Oder meinst du vielleicht das Texas Rig?
Da kannst du genauso vorgehen nur dein Blei läuft dann auf dem Stahlvorfach.


----------



## xXPilleXx (5. Februar 2013)

*AW: Stahlvorfach beim Carolina Rig*

Danke für die Antworten ! 
@Bassattack vielen dank, werd ich mir besorgen auch für größere gummifische für hechte


----------



## dimko (5. Februar 2013)

*AW: Stahlvorfach beim Carolina Rig*

@
Ich benutz nur noch wenig das Caroliner Rig ,fische mittlerweille nur noch florida Rig (Gummi stoper,Bullet weight,offset Haken)

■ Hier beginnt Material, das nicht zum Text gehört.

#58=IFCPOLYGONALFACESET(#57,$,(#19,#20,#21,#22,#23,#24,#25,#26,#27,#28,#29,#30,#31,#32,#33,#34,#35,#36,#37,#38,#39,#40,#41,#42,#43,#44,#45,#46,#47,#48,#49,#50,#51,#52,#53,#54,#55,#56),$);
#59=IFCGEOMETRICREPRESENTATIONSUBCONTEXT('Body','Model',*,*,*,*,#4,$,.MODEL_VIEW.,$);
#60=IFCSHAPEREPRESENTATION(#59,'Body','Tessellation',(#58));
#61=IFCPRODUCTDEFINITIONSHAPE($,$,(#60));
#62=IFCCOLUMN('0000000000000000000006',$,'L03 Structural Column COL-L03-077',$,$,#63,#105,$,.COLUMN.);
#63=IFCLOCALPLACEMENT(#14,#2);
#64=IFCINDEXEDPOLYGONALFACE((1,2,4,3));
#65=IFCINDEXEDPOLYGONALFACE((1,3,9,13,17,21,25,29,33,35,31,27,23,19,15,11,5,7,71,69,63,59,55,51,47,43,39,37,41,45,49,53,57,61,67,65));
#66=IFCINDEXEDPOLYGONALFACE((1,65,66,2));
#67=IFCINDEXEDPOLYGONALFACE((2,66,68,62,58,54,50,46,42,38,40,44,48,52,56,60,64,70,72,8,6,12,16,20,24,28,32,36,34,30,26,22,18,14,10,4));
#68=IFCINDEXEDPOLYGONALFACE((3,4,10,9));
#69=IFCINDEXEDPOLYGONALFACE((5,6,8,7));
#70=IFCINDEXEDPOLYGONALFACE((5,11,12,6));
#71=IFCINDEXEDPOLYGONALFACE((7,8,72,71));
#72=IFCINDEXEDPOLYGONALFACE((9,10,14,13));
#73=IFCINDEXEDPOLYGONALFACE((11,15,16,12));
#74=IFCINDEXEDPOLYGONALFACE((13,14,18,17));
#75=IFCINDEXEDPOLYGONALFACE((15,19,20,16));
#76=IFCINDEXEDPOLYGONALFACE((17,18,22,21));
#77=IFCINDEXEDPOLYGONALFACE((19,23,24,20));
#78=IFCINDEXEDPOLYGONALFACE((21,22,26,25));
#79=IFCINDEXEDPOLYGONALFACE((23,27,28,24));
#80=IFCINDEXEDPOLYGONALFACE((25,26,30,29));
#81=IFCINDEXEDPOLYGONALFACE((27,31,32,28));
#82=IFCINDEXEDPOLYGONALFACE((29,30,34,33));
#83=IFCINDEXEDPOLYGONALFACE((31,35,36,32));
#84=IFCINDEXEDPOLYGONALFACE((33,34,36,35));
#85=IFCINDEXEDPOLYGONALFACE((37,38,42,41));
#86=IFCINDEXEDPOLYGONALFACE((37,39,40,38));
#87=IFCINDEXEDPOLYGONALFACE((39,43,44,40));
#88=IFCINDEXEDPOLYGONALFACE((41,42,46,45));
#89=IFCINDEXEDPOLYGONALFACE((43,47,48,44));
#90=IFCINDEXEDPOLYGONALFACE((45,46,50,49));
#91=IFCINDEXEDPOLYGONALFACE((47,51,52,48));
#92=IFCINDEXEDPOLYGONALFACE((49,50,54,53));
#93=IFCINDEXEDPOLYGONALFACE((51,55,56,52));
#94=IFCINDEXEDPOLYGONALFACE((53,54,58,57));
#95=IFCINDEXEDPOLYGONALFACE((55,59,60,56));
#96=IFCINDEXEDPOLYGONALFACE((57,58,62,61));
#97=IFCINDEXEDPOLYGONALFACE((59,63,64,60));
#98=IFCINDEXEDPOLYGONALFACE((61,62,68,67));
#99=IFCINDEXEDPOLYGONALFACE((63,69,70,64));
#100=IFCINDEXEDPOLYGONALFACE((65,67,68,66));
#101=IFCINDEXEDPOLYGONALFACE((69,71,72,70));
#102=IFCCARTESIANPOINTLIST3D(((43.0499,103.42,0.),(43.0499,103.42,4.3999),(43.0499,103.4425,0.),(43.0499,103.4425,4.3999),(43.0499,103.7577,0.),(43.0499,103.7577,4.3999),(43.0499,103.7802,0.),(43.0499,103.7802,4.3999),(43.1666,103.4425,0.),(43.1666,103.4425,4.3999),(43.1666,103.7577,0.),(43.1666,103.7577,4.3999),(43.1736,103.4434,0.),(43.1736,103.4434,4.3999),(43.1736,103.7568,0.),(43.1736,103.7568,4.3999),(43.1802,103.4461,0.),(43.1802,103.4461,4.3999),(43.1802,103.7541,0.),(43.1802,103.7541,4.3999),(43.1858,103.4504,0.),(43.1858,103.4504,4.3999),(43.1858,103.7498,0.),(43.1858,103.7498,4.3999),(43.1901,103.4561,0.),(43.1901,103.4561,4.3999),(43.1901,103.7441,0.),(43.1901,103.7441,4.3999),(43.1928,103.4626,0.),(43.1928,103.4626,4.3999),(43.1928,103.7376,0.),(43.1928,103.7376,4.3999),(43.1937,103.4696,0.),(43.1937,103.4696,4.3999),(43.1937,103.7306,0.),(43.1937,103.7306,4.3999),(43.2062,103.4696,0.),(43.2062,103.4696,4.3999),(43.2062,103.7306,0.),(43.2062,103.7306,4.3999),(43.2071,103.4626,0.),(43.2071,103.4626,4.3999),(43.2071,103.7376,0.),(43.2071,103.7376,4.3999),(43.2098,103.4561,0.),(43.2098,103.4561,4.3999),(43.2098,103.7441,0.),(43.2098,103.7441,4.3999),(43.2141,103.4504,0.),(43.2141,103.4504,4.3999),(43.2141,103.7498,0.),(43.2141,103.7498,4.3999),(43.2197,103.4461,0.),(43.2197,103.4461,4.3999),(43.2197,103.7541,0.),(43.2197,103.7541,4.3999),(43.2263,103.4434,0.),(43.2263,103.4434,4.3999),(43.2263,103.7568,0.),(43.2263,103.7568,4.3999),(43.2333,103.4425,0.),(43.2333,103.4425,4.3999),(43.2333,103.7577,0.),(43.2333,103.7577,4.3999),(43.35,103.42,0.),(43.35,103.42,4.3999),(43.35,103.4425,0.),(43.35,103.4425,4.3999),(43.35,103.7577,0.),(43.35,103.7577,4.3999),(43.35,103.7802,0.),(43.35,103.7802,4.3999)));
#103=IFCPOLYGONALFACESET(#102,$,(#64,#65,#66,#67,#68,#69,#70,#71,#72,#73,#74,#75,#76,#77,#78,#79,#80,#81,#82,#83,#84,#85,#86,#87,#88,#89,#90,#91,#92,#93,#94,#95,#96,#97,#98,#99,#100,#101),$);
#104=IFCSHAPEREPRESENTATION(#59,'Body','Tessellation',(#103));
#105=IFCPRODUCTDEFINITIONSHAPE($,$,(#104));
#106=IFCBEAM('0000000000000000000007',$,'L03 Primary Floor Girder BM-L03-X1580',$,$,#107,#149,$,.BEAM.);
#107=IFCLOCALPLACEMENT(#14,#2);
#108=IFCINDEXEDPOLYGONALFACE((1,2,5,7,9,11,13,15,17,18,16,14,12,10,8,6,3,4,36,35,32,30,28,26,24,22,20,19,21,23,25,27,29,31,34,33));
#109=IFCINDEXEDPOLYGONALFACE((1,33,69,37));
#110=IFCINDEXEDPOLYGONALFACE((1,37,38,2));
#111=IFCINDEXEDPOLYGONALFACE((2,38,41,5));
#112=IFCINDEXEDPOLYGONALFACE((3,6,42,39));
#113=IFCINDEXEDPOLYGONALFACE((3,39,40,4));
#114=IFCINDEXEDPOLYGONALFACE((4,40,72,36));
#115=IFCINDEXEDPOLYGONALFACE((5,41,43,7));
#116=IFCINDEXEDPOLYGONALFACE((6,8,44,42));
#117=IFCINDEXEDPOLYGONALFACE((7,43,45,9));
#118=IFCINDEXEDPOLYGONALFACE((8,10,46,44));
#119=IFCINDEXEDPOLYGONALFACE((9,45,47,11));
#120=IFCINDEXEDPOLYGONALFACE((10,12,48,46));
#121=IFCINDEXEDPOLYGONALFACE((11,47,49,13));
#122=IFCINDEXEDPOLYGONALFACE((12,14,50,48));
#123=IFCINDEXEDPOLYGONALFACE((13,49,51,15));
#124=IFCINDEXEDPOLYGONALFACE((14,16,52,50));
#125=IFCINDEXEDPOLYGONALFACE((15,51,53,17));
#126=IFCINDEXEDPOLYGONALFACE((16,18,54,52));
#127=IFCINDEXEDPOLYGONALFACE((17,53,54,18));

Wo ist denn da der Effekt des Bullet weight??
Anstatt Bullet weight kann man doch auch Jighaken nehmen, oder sehe ich das falsch?


----------



## PirschHirsch (5. Februar 2013)

*AW: Stahlvorfach beim Carolina Rig*

@ TE:

Schalte unbedingt entsprechend robuste Mono oder FC dazwischen. Wenn das Bullet direkt auf der Geflochtenen läuft und innen nicht sauber genug entgratet ist, reibts Dir ratzfatz die Schnur durch.

Ich hatte dasselbe Problem und werde mir auf Bassattacks Anregung ebenfalls das Jenzi zum Carolinen holen. Denn Flexonit ist nicht mehr so mein Fall - da ist mir schon zuviel beim Zugtest durchgerissen (wohlgemerkt mitten drin).

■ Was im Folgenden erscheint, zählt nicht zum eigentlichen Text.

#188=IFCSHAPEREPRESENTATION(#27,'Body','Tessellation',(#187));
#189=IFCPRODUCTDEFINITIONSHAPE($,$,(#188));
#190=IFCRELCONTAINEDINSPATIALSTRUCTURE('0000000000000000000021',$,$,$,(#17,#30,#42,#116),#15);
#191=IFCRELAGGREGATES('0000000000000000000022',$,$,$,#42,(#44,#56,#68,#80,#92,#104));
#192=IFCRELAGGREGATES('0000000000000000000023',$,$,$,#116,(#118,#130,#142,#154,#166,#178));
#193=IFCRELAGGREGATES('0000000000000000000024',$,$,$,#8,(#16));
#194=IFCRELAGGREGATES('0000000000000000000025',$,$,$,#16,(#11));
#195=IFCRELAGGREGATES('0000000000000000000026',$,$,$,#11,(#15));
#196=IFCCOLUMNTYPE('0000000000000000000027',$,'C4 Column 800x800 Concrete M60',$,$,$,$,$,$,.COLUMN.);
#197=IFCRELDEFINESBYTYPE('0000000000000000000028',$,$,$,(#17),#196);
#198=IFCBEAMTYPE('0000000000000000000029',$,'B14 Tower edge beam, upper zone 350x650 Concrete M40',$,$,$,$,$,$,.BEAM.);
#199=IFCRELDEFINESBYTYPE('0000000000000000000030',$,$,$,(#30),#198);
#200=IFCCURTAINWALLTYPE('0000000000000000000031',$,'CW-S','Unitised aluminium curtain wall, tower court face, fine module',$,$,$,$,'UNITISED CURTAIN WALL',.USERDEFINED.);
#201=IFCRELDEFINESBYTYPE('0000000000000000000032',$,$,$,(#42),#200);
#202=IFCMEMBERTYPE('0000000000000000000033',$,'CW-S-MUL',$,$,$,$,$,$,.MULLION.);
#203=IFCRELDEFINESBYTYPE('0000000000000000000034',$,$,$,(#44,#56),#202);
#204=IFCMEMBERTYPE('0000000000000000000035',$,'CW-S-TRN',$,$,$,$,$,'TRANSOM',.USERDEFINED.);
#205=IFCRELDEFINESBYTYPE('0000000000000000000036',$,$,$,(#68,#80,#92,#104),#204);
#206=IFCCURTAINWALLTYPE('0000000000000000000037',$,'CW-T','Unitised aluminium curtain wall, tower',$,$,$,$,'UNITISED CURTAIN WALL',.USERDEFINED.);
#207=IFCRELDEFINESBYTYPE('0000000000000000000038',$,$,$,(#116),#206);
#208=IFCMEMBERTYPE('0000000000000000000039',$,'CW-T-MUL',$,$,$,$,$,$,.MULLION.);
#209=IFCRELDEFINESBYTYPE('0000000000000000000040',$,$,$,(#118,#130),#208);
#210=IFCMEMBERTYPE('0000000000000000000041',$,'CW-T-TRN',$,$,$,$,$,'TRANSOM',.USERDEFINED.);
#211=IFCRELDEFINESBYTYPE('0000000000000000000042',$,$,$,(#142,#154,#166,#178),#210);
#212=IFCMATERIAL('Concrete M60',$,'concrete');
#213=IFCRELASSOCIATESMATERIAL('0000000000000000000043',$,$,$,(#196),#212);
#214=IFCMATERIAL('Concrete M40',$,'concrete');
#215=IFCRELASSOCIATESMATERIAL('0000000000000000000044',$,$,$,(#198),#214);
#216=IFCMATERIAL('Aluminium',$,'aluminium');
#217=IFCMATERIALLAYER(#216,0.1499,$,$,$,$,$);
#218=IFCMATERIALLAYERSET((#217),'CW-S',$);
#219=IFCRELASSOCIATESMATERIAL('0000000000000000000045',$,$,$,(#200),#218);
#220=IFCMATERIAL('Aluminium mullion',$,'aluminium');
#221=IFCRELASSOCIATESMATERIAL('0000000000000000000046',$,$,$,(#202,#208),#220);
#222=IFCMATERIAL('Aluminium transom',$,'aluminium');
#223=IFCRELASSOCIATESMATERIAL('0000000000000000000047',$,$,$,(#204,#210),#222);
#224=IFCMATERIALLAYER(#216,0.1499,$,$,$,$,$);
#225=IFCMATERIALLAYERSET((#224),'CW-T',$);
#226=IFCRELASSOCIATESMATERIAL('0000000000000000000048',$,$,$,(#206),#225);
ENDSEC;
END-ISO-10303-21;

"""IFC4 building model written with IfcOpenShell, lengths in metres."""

Insofern hoffe ich, dass das Jenzi deutlich verlässlicher ist.


----------



## Bassattack (6. Februar 2013)

*AW: Stahlvorfach beim Carolina Rig*

@Dimko

klar man kann auch mit jigkopf benutzen|supergri ,nur dan hab ich bei mir im Gewässer sofort hänger:c ich benutz ja ein offset Haken der im Softbait versteckt wird  und  somit wird die Hängergefahr minimirt

Ich angel fast nur noch mit offset Haken ob au Barsch oder Zander und Hecht ,man brauch auch nicht immer das  Bullet weight auf die schnur aufziehen ,|rolleyeses gibt ja auch schon Jigköpfe mit offset Haken bei Germantackle oder im world wide web|supergriJa die Zeiten wo man am Tag 3-4 Jigköpfe im Fluss versenkt hat sind vorbei.


Gruss mario


----------



## xXPilleXx (6. Februar 2013)

*AW: Stahlvorfach beim Carolina Rig*

Hat jemand Erfahrung mit "Jenzi Super Soft Wire", also muss man das knoten oder mit klemmhülsen befestigen ?


----------



## CarpCrakc (6. Februar 2013)

*AW: Stahlvorfach beim Carolina Rig*

Wenns Stahl ist , sollte man es mit Quetschhülsen befestigen.
Gibt zwar knotbares Stahlvorfach oder Titan , ist aber nicht wirklich zu empfehlen.


----------



## Bassattack (6. Februar 2013)

*AW: Stahlvorfach beim Carolina Rig*



CarpCrakc schrieb:


> Wenns Stahl ist , sollte man es mit Quetschhülsen befestigen.
> Gibt zwar knotbares Stahlvorfach oder Titan , ist aber nicht wirklich zu empfehlen.




Muss man#cNEIN!!

 JENZI Super soft Wire|kopfkrat (7x7) 49 Einzelfäden ,muss man nicht mit Quetschhülsen befestigen #d,meiner meinung nach sollte man es sogar nicht mit Quetschhülsen befestigen ,aus folgenden Grund. Jenzi Super soft wire ist  bis 3 Hundertstel mm dünn und so geschmeidig als hätte man 0,20mm Fluocarbon in der Hand ,wird gebunden wie eine Monofile schnur ,desweiteren besitzt super soft wire keine Kunstoff umantelung ,wie Flexonit,1X7,TITAN.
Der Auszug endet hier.